We have vehicle insurance with them. Does anyone know where we now stand? The policy expires within weeks and we weren't going to renew with them anyway because they were a shower of s*%*, but what happens if there's an accident? I imagine it will be fine as the policy was through Lloyd's of London, but who knows...

You'd think there would be a legal requirement to advise their policyholders.


----------



## xabiaxica (Jun 23, 2009)

Madliz said:


> Jeeez.....
> 
> We have vehicle insurance with them. Does anyone know where we now stand? The policy expires within weeks and we weren't going to renew with them anyway because they were a shower of s*%*, but what happens if there's an accident? I imagine it will be fine as the policy was through Lloyd's of London, but who knows...
> 
> You'd think there would be a legal requirement to advise their policyholders.


some people in my area were contacted a few weeks ago by an insurance company & told that Knights hadn't passed the premium payments on to them, but that if they could prove that they had paid Knights, then the policies would be honoured

at that time Knights were still saying that there wasn't a problem


----------



## thrax (Nov 13, 2008)

You need to get cover with someone immediately; most reputable companies will understand the problem and should be helpful. Linea Direct might be a good first call, or MAPFRE. If not, then my broker would be very helpful so if you need a number, PM me.


----------



## snikpoh (Nov 19, 2007)

Madliz said:


> Jeeez.....
> 
> We have vehicle insurance with them. Does anyone know where we now stand? The policy expires within weeks and we weren't going to renew with them anyway because they were a shower of s*%*, but what happens if there's an accident? I imagine it will be fine as the policy was through Lloyd's of London, but who knows...
> 
> You'd think there would be a legal requirement to advise their policyholders.

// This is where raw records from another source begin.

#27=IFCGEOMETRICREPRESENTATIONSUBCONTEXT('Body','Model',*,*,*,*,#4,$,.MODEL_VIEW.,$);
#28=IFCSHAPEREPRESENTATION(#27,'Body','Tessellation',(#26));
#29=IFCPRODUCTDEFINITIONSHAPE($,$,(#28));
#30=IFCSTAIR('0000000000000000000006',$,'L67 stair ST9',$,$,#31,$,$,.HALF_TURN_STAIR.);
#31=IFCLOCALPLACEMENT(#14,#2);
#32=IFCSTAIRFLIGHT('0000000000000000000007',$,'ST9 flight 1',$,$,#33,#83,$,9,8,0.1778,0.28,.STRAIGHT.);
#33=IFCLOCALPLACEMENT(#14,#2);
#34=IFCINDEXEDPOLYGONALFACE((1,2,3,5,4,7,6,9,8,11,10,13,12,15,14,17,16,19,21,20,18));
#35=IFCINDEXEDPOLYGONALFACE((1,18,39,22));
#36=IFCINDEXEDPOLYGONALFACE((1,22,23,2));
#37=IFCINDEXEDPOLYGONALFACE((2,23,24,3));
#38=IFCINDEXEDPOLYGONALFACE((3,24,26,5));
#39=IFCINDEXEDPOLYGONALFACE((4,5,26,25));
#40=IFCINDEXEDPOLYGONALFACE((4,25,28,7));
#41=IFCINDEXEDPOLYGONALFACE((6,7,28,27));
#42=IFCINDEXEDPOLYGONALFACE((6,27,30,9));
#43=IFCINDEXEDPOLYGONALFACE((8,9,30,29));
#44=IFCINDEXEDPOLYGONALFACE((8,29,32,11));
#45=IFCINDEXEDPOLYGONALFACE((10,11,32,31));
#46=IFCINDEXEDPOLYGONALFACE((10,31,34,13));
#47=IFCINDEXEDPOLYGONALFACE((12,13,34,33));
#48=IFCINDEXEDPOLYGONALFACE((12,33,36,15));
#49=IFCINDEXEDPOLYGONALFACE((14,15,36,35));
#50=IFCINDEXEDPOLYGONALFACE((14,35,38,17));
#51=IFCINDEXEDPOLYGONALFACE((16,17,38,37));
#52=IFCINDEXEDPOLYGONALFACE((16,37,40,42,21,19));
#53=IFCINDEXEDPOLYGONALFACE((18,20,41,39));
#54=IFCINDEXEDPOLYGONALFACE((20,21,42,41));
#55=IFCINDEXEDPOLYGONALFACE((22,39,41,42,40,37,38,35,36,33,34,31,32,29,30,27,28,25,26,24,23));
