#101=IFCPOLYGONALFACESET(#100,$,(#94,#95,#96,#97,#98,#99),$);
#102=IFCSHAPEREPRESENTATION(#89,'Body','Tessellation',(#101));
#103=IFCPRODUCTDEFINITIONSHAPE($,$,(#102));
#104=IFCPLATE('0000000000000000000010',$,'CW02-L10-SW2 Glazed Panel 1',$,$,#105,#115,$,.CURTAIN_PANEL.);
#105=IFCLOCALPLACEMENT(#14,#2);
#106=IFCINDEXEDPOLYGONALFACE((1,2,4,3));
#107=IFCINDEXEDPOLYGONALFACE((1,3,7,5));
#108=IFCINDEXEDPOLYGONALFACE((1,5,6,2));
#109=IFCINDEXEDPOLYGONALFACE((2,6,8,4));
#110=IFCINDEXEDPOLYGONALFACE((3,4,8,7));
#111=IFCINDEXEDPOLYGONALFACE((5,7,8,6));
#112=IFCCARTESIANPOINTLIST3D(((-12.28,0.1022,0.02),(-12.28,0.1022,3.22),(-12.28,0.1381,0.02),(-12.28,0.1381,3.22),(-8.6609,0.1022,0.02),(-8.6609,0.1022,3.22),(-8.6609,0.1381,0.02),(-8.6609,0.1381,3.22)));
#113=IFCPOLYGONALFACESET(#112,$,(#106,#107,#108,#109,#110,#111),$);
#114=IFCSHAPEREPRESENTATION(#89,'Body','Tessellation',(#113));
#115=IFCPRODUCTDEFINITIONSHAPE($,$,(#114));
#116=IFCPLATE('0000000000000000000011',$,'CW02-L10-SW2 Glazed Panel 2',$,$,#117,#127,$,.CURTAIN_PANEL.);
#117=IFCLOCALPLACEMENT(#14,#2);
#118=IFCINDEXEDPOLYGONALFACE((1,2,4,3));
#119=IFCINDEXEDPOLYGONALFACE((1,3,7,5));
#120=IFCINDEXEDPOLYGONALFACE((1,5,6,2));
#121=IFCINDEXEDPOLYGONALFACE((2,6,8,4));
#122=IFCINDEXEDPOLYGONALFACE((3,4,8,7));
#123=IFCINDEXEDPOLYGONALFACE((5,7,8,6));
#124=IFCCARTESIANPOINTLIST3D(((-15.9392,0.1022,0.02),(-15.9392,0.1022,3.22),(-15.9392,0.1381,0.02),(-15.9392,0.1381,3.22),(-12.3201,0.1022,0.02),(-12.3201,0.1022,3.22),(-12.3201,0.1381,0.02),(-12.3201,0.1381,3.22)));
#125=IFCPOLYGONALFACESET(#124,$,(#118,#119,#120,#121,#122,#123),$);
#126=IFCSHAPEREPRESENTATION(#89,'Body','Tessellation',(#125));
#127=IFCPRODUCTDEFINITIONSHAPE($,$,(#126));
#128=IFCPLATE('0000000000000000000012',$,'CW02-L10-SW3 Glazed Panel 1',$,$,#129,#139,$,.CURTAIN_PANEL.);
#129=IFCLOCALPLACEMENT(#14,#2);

Contact IBEX (local broker - [email protected]) their policies are underwritten by Lloyds so you should be able to keep the same policy.


----------



## Madliz (Feb 4, 2011)

We have just been informed that Knights were selling policies underwritten by Lloyds of London and Liberty Seguros but apprently were not passing on the payments they received from clients. One wonders what would have happened had there been a claim. I just checked and their website is still there. Does anyone know if any action has been taken against them? This seems criminal.


----------